I learned something interesting from Kent Dobson the other day, via Mars Hill Bible Church podcast. In one of his most recent teachings Sacred Universe: 3, he refers to the very beginning of creation. In Genesis it says 'So God created human beings in His own image. In the image of God He created them; male and female He created them.' Most of us have heard this verse countless numbers of times, but in that I think we can easily bypass the importance of the verse. So we were made in God's image, that's pretty cool. But listen, WE were made in His image. He created all of us equally. This means that the image of God is all around. We reflect the very image of the Divine. When Kent said these words, it really made me think. This is exactly what people in Africa are good at remembering. They take time out of their day to seek out and get to know people, to seek the Divine. The skin that is on our bodies is not ours, it is God's. This body we live every waking/sleeping second in, is His. Take a look at your neighbor, the same goes for him/her. That is where the verse in Leviticus comes out in new light for me. "Do not seek revenge or bear a grudge against a fellow Israelite, but love your neighbor as yourself." - Leviticus 19:18. If we're all made in the image of Christ - if we all have divine sparks - who are we to seek revenge or bear a grudge against another? We have to love each other as we would want to be loved. In order to really know someone, it takes time. That is why I love the importance of relationships here in Uganda. Kent said it best, "God will never be known in the unique way He is being made known in you." How can we share the unique way of God if we don't take the time to talk to others? I don't know about you, but I definitely want others to see the Divine in me. Forming relationships with people is pertinent to spreading the word. Forming relationships takes time. So what's more important; getting your to-do list complete? or taking time out of your day to call up that friend that you've been meaning to talk to for the past couple weeks now, but you just haven't had the time?

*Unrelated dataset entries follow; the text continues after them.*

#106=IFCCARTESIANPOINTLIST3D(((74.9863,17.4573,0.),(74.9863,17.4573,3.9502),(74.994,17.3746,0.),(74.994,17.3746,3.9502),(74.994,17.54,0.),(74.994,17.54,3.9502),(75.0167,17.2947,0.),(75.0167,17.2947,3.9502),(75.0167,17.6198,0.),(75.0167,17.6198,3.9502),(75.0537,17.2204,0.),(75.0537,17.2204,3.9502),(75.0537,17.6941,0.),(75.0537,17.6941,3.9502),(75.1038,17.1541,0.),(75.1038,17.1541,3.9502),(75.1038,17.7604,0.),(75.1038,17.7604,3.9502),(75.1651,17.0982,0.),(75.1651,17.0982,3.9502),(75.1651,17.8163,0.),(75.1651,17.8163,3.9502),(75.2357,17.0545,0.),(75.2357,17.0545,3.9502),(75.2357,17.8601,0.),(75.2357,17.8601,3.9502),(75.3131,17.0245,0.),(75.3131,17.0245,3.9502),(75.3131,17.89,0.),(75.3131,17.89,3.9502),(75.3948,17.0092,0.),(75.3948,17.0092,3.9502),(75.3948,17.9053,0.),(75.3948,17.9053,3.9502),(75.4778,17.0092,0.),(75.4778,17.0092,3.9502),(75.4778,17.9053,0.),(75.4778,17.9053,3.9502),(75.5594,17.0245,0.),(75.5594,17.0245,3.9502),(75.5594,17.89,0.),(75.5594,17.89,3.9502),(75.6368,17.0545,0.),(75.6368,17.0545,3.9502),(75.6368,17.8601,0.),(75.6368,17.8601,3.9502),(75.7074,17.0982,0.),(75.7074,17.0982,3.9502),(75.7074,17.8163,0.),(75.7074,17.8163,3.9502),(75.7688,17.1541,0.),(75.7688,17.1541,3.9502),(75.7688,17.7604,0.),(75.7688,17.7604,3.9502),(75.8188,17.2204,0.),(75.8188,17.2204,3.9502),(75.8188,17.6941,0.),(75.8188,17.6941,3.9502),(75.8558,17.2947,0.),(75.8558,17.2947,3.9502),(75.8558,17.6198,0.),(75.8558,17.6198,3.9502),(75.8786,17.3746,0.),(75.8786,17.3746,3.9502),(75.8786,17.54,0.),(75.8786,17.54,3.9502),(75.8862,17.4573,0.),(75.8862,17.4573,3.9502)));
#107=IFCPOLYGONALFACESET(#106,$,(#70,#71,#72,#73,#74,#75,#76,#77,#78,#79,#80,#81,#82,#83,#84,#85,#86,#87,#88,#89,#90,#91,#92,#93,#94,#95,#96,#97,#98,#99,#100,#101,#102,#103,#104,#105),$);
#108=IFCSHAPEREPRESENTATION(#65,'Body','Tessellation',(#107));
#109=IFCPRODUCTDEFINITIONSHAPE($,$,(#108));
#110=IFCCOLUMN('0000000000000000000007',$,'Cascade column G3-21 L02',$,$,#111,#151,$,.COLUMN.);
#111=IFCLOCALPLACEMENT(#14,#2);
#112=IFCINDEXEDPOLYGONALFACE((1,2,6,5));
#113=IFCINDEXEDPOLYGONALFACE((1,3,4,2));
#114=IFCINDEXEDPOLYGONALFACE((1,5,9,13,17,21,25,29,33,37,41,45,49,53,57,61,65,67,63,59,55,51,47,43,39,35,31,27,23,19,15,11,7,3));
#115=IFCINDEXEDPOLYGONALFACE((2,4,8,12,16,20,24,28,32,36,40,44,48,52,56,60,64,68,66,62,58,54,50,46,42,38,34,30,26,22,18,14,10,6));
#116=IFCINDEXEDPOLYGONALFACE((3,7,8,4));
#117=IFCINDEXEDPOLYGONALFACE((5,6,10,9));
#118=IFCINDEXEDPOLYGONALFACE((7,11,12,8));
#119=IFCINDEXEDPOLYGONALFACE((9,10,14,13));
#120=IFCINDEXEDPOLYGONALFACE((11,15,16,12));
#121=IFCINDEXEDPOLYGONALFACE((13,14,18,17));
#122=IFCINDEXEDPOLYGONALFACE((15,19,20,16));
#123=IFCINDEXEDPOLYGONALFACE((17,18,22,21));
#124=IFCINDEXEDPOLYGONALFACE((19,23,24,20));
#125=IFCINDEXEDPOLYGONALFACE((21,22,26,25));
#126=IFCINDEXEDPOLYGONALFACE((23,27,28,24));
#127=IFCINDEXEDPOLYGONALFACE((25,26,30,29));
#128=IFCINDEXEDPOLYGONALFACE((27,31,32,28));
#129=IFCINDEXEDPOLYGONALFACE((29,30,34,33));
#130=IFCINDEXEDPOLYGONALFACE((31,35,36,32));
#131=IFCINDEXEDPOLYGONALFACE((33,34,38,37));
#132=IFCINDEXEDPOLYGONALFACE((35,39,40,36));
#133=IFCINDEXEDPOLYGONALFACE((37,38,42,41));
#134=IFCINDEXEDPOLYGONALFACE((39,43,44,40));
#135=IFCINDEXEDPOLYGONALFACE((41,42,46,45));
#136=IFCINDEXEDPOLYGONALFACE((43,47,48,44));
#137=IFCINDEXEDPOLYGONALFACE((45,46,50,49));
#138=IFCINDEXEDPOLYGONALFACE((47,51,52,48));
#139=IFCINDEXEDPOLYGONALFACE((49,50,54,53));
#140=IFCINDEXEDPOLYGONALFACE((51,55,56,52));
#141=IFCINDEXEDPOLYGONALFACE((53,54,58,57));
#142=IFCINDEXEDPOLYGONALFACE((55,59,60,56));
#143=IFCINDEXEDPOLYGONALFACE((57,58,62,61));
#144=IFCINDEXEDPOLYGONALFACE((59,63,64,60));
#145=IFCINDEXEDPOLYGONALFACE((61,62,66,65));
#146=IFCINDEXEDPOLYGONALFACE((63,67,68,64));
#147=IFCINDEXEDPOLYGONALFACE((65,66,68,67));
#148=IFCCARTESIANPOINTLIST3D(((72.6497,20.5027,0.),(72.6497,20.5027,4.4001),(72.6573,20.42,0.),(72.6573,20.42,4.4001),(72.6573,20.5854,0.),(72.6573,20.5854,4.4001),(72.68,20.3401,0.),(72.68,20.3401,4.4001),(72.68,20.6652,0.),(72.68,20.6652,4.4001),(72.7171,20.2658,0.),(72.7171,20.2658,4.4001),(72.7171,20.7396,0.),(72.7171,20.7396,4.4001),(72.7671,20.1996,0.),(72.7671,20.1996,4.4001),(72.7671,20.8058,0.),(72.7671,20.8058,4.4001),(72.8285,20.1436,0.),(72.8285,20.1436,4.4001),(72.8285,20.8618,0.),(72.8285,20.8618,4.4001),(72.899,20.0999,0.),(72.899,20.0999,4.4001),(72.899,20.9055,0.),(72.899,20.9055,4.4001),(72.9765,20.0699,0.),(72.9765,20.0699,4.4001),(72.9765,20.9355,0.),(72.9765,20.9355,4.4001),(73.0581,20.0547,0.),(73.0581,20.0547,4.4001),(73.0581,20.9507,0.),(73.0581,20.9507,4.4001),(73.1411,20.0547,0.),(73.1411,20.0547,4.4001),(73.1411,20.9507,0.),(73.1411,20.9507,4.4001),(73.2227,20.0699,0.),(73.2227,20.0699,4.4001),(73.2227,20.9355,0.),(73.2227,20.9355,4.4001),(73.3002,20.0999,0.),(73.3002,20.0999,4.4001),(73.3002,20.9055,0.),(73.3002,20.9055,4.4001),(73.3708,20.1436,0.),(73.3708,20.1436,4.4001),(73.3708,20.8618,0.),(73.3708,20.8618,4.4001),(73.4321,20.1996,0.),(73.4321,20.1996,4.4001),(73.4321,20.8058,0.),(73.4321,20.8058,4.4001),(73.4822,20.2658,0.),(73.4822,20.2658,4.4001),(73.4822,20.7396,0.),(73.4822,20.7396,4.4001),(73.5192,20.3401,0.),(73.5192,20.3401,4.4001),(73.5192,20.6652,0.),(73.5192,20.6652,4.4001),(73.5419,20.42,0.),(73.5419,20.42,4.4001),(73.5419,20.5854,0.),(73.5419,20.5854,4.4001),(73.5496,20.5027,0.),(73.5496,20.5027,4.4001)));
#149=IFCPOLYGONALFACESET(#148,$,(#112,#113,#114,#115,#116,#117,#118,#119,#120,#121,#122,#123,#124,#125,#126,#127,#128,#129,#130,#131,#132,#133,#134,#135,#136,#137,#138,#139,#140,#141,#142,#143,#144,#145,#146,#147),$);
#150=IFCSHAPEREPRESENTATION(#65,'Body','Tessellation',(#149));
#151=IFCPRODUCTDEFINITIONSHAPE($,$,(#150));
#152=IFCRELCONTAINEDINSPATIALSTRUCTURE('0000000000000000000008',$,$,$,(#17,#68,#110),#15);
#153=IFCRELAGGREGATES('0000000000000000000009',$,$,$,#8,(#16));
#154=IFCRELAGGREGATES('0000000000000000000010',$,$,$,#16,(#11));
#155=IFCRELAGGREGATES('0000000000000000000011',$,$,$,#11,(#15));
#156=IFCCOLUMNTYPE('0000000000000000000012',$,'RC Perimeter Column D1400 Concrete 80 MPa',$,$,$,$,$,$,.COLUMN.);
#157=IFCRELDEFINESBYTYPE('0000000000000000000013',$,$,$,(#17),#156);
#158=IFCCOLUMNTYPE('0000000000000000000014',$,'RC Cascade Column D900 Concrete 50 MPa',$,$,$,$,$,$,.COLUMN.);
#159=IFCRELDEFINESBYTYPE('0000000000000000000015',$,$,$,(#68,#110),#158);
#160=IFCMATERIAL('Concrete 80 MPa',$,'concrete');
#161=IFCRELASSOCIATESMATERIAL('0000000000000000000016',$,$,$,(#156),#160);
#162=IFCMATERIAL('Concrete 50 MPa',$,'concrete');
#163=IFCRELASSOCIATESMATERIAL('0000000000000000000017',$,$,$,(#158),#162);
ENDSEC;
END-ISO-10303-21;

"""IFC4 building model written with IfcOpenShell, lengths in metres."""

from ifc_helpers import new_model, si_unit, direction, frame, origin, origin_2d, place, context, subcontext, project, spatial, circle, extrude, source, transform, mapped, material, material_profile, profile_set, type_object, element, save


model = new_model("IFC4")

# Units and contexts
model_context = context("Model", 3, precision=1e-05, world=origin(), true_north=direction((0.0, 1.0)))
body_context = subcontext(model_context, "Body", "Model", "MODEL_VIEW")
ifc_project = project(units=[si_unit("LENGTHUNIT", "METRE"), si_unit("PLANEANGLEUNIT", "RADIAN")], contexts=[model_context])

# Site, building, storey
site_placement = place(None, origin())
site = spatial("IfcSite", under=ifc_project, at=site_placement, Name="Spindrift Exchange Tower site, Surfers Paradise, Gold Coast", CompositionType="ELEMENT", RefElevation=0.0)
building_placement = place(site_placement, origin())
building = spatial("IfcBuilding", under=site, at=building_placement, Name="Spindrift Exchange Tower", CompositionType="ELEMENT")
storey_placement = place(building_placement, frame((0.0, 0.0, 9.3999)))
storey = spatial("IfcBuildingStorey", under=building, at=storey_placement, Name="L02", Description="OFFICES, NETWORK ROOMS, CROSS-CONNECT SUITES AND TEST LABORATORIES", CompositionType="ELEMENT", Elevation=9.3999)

I have been blessed with some great friends here in Jinja. We may all come from different places, but we all serve the same Lord. It's amazing who God puts in to our lives. Just when I was starting to miss home the most, I meet a group of girls at church who just so happen to be from Michigan. It's awesome to have a group of people who grew up in the same type of environment as you. It's comforting to have things in common. And for my friends that I've made from Uganda or other African countries, it's truly amazing to hear their stories. Life would be so boring if everyone grew up the same way and experienced the same things. Learning about different cultures/different ways of life is exhilarating. I often think to myself, 'how on Earth have I gone (almost) 25 years of life and not known about this captivating way of life?' There are times we hear about cultural differences, but sometimes it's hard for us to grasp the concept until we actually see it first hand.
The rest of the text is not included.